25. What part of writing is the most fun? The part where I realise how the conclusion of the story will tie together several elements introduced earlier, perhaps giving them deeper meanings.

Date: 2020-11-22 07:27 pm (UTC)
enchanted_jae: (Default)
From: [personal profile] enchanted_jae
Luna is always a delight!

Date: 2020-11-24 04:52 am (UTC)
delphi: An illustrated crow kicks a little ball of snow with a contemplative expression. (Default)
From: [personal profile] delphi
This was hugely interesting to read! And I hear you regarding summaries, especially for shorter and more atmospheric pieces.

Date: 2020-11-25 12:21 am (UTC)
delphi: An illustrated crow kicks a little ball of snow with a contemplative expression. (Default)
From: [personal profile] delphi
No, I absolutely love reading about other people's approaches and processes when it comes to writing. (And to be sure, I was definitely just talking about myself when I mentioned stories without much 'story' in them. :D)
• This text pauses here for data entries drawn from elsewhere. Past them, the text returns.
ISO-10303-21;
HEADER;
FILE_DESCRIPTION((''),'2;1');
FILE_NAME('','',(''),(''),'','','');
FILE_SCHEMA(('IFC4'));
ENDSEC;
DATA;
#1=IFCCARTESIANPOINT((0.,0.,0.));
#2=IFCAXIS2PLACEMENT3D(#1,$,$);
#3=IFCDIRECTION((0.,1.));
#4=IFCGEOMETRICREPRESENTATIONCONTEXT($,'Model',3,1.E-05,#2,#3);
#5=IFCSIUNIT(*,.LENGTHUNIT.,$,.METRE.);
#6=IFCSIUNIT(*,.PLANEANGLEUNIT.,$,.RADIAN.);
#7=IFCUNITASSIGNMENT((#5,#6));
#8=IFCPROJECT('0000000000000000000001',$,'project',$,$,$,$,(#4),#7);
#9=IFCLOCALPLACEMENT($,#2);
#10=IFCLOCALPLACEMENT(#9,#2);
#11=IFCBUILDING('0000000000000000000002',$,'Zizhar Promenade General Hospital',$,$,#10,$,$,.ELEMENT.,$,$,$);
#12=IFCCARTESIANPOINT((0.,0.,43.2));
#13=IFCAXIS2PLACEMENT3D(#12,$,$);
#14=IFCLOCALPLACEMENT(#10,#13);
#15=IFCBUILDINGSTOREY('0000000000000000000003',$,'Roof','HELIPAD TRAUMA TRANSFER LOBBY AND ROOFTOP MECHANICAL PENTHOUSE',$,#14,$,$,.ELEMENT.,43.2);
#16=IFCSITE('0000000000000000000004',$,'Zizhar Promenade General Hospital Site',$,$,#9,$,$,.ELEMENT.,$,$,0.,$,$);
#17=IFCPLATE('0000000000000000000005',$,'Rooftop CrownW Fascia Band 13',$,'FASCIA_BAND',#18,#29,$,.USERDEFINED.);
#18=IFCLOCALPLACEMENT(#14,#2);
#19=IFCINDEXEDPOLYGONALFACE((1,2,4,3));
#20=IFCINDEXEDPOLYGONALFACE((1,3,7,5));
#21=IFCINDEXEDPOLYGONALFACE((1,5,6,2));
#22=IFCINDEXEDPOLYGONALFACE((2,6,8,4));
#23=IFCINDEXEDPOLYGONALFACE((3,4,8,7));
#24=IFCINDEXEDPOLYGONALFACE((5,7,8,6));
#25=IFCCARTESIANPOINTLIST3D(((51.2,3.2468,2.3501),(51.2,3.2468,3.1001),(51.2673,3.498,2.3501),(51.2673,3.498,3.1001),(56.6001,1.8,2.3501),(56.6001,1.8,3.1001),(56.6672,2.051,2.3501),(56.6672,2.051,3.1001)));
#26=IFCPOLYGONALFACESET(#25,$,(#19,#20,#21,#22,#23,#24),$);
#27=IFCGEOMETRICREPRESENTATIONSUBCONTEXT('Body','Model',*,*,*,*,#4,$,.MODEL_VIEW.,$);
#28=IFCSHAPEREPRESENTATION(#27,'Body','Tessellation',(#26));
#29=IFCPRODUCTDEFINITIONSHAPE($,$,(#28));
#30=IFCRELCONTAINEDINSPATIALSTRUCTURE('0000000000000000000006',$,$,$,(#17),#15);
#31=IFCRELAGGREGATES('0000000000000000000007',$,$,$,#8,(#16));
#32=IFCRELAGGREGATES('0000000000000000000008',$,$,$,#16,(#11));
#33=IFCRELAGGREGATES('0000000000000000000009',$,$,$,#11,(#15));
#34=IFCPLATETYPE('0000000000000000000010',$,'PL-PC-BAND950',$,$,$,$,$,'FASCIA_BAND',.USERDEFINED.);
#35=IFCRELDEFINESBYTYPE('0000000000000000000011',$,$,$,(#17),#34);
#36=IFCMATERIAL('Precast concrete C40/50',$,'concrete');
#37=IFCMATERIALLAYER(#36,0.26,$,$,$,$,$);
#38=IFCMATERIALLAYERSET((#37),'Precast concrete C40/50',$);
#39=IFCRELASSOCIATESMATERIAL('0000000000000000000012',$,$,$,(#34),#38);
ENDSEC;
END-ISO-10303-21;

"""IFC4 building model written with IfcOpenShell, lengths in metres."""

from ifc_helpers import new_model, si_unit, direction, frame, origin, place, context, subcontext, project, spatial, polyline, outline, extrude, material, layer, layer_set, type_object, element, save


model = new_model("IFC4")

# Units and contexts
model_context = context("Model", 3, precision=1e-05, world=origin(), true_north=direction((0.0, 1.0)))
body_context = subcontext(model_context, "Body", "Model", "MODEL_VIEW")
ifc_project = project(units=[si_unit("LENGTHUNIT", "METRE"), si_unit("PLANEANGLEUNIT", "RADIAN")], contexts=[model_context])

# Site, building, storey
site_placement = place(None, origin())
site = spatial("IfcSite", under=ifc_project, at=site_placement, Name="Zizhar Promenade General Hospital Site", CompositionType="ELEMENT", RefElevation=0.0)
building_placement = place(site_placement, origin())
building = spatial("IfcBuilding", under=site, at=building_placement, Name="Zizhar Promenade General Hospital", CompositionType="ELEMENT")
storey_placement = place(building_placement, frame((0.0, 0.0, 43.2)))
storey = spatial("IfcBuildingStorey", under=building, at=storey_placement, Name="Roof", Description="HELIPAD TRAUMA TRANSFER LOBBY AND ROOFTOP MECHANICAL PENTHOUSE", CompositionType="ELEMENT", Elevation=43.2)

# Plate
ifc_material = material(Name="Precast concrete C40/50", Category="concrete")
ifc_layer = layer(ifc_material, 0.26)
ifc_layer_set = layer_set([ifc_layer], Name="Precast concrete C40/50")
plate_type = type_object("IfcPlateType", Name="PL-PC-BAND950", ElementType="FASCIA_BAND", PredefinedType="USERDEFINED", material=ifc_layer_set)
plate_1_placement = place(storey_placement, frame((0.0, 0.0, 2.3501)))
element("IfcPlate", 1, at=plate_1_placement, inside=storey, type_object=plate_type, Name="Rooftop CrownW Fascia Band 13", ObjectType="FASCIA_BAND", PredefinedType="USERDEFINED", context=body_context, shape_type="SweptSolid", body=[
    extrude(outline(polyline([(51.2, 3.2468), (56.6001, 1.8), (56.6672, 2.051), (51.2673, 3.498), (51.2, 3.2468)])), origin(), (0.0, 0.0, 1.0), 0.75),
])

save(model, "model.ifc")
Tags really are crucial on AO3, especially when it comes to popular pairings where it's impossible to keep up with all the new offerings every day. With very few exceptions, like when I've accidentally been on the ground floor of a pairing that later got popular, almost all of my fic with the most feedback are ones where people obviously decided to browse by tags for something they were particularly in the mood for.

Date: 2020-12-02 01:08 am (UTC)
delphi: An illustrated crow kicks a little ball of snow with a contemplative expression. (Default)
From: [personal profile] delphi
Thanks for the invitation! I posted my answers here.

Date: 2020-11-24 07:40 pm (UTC)
lee_bella: (Default)
From: [personal profile] lee_bella
"25. What part of writing is the most fun? The part where I realise how the conclusion of the story will tie together several elements introduced earlier, perhaps giving them deeper meanings."

Very much that. It feels rewarding when you get to the end, and everything naturally falls into place, whether it's intentional on the writer's part or otherwise.

Thank you for sharing your thought on writing. It's enlightening to read about what fellow writers are up to. Also, may I borrow this meme?